А снаружи, на мавзолее — вон, там, вместо генсеков, на парадном месте, как на Голгофе, молча стоял во весь рост архиепископ Воронежский Тихон, повешенный большевиками на алтарных Царских вратах в церкви; а рядом с ним — архиепископ Петр Воронежский, живьем замороженный на Соловках; а рядом — протоиерей Евграф Плетнев из Семиречья вместе со своим маленьким сыном, которых ленинские верные слуги сожгли на медленном огне в топке. А рядом — отец Михаил Лисицын из станицы Усть-Лабинской, которого большевики захватили и пытали в течение трех дней, а когда тело его было найдено прихожанами, то на нем оказалось более десяти ран, и голова была изрублена в куски.

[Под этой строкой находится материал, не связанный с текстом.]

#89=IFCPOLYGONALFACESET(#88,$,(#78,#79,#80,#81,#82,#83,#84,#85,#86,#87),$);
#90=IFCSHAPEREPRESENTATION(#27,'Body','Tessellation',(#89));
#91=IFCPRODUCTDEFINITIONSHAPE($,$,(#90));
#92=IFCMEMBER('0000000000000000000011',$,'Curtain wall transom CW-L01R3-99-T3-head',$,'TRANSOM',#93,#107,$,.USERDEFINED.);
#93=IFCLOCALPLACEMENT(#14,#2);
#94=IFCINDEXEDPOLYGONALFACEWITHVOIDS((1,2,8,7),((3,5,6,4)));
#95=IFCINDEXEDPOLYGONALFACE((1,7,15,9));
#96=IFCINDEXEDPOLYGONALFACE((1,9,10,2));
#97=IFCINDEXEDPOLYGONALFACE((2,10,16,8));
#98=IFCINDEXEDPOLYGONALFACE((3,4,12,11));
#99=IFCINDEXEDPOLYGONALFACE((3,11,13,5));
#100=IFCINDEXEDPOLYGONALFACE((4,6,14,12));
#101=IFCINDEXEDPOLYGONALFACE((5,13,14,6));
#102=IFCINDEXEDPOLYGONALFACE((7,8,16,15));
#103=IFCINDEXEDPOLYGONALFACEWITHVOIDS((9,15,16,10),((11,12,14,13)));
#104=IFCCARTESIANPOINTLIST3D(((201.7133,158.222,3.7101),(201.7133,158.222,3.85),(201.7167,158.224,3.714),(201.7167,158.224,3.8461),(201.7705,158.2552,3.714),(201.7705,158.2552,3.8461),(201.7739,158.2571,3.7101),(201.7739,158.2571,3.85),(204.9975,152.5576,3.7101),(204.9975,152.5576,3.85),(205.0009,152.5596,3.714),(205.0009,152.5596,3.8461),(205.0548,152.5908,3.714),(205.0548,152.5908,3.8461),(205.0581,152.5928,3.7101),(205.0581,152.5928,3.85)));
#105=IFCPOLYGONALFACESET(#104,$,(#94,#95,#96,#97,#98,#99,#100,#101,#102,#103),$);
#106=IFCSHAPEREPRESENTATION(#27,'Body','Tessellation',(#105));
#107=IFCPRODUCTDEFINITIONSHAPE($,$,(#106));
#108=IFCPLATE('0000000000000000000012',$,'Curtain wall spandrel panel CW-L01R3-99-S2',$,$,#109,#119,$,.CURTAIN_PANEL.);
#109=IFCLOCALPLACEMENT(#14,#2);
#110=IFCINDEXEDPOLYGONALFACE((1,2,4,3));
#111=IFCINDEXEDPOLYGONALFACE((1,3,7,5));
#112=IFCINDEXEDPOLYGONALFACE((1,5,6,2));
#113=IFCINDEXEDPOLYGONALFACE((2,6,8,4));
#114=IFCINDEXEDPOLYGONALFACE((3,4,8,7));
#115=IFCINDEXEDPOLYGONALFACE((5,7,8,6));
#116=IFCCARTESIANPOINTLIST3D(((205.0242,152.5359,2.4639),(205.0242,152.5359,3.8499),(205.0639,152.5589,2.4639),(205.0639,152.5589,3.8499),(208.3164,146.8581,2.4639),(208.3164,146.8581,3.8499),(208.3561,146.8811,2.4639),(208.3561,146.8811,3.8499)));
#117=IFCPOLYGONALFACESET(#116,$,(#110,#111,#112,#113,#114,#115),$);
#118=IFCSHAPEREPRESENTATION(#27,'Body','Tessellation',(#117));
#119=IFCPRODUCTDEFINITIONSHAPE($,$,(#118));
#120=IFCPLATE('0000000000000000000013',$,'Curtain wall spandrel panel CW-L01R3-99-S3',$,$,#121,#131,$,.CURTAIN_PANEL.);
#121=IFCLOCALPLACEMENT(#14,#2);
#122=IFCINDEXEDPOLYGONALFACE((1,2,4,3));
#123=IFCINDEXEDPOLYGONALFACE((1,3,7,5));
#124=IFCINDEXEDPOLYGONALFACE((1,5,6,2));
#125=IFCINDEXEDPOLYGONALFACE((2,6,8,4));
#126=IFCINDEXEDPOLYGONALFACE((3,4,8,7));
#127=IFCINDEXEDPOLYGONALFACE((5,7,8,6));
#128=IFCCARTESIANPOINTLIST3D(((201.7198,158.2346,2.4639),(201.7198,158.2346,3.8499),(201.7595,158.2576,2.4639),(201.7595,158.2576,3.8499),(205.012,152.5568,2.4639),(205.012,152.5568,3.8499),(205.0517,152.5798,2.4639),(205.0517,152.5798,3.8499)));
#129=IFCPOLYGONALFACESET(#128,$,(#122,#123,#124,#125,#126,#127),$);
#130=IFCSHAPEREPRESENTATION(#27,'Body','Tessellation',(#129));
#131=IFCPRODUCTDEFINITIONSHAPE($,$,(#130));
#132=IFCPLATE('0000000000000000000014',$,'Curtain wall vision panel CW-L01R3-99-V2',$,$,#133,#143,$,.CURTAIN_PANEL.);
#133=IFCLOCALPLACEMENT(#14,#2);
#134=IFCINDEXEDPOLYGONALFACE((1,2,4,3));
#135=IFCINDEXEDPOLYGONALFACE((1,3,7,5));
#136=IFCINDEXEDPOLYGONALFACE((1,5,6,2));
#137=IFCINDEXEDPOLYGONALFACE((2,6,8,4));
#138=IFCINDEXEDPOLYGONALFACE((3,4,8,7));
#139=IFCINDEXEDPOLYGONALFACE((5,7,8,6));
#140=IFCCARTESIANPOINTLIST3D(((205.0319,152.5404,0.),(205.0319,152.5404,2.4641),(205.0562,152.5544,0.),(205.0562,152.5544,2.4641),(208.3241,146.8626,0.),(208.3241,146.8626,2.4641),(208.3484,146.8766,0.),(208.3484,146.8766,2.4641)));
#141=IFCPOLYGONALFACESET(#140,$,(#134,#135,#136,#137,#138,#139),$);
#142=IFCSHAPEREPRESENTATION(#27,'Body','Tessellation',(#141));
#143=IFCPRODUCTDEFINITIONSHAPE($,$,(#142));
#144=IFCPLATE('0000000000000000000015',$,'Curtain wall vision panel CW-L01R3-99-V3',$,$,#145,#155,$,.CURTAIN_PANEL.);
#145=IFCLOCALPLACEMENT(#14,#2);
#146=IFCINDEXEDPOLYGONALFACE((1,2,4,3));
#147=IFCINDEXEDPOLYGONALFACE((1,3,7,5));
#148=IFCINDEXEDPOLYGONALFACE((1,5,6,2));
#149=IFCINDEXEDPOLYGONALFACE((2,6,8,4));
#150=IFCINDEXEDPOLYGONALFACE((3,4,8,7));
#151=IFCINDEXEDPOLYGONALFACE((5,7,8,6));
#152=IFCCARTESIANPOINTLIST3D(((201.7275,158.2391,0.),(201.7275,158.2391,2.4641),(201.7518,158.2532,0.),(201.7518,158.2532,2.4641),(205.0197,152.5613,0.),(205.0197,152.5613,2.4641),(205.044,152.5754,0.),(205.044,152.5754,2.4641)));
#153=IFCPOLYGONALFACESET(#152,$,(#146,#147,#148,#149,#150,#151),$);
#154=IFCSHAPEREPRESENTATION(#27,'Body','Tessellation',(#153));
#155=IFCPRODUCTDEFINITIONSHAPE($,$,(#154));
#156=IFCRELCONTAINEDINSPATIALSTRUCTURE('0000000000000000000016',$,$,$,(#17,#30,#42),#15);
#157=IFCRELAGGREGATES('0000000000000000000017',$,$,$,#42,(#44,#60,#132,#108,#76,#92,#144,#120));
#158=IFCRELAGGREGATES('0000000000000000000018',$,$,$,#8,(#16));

И шествовали мимо мавзолея, с невозмутимостью танковой дивизии, выросшие в весь свой ангельский рост, семь инокинь из монастыря Святителя Митрофана Воронежского, сваренные большевиками заживо в котлах с кипящей смолой. И подкрепляла их с тылов, радостною радостью радуясь, вышагивавшая по брусчатке, демонстрация трудящихся: семидесятидвухлетний священник Павел Калиновский, которого большевики-ленинцы насмерть забили плетьми; и архиепископ Нижегородский Иоаким, повешенный вниз головой в Севастопольском соборе; и архиепископ Астраханский Митрофан, сброшенный сволочью со стены; и священник Иоанн Кочуров из Царского Села, убитый ленинцами за молебен о прекращении междуусобной брани; и протоиерей Петр Скипетров, растерзанный за то, что обратился к бесчинствующим красным солдатам со словами увещания во время вооруженного захвата Александро-Невской Лавры; и священник станицы Владимировской Александр Подольский: его красные били, глумились над ним, долго водили по станице, а потом вывели за село, зарубили и бросили на свалочном месте; а рядом с ним, под руку, шествовал сейчас в параде на Красной площади один из его прихожан, пришедший его похоронить, и тут же убитый пьяными красноармейцами; за ними тихо маршировал священник Марии-Магдалинского женского монастыря Кубанской области Григорий Никольский, который сразу после литургии, где приобщал молящихся Святых Тайн, был взят красноармейцами, и убит выстрелом из револьвера в рот с криками «мы тебя приобщим». А за ним — священник Леонид Серебряников, убитый на Рождество Христово в селе Лермонтовка около Хабаровска — который был схвачен после школьной елки, когда возвращался домой, был раздет в жестокий мороз, поставлен на лед, после чего ленинцы ему нанесли несколько ударов кинжалом и бросили в прорубь со словами: «Ты крестил, и мы тебя будем крестить».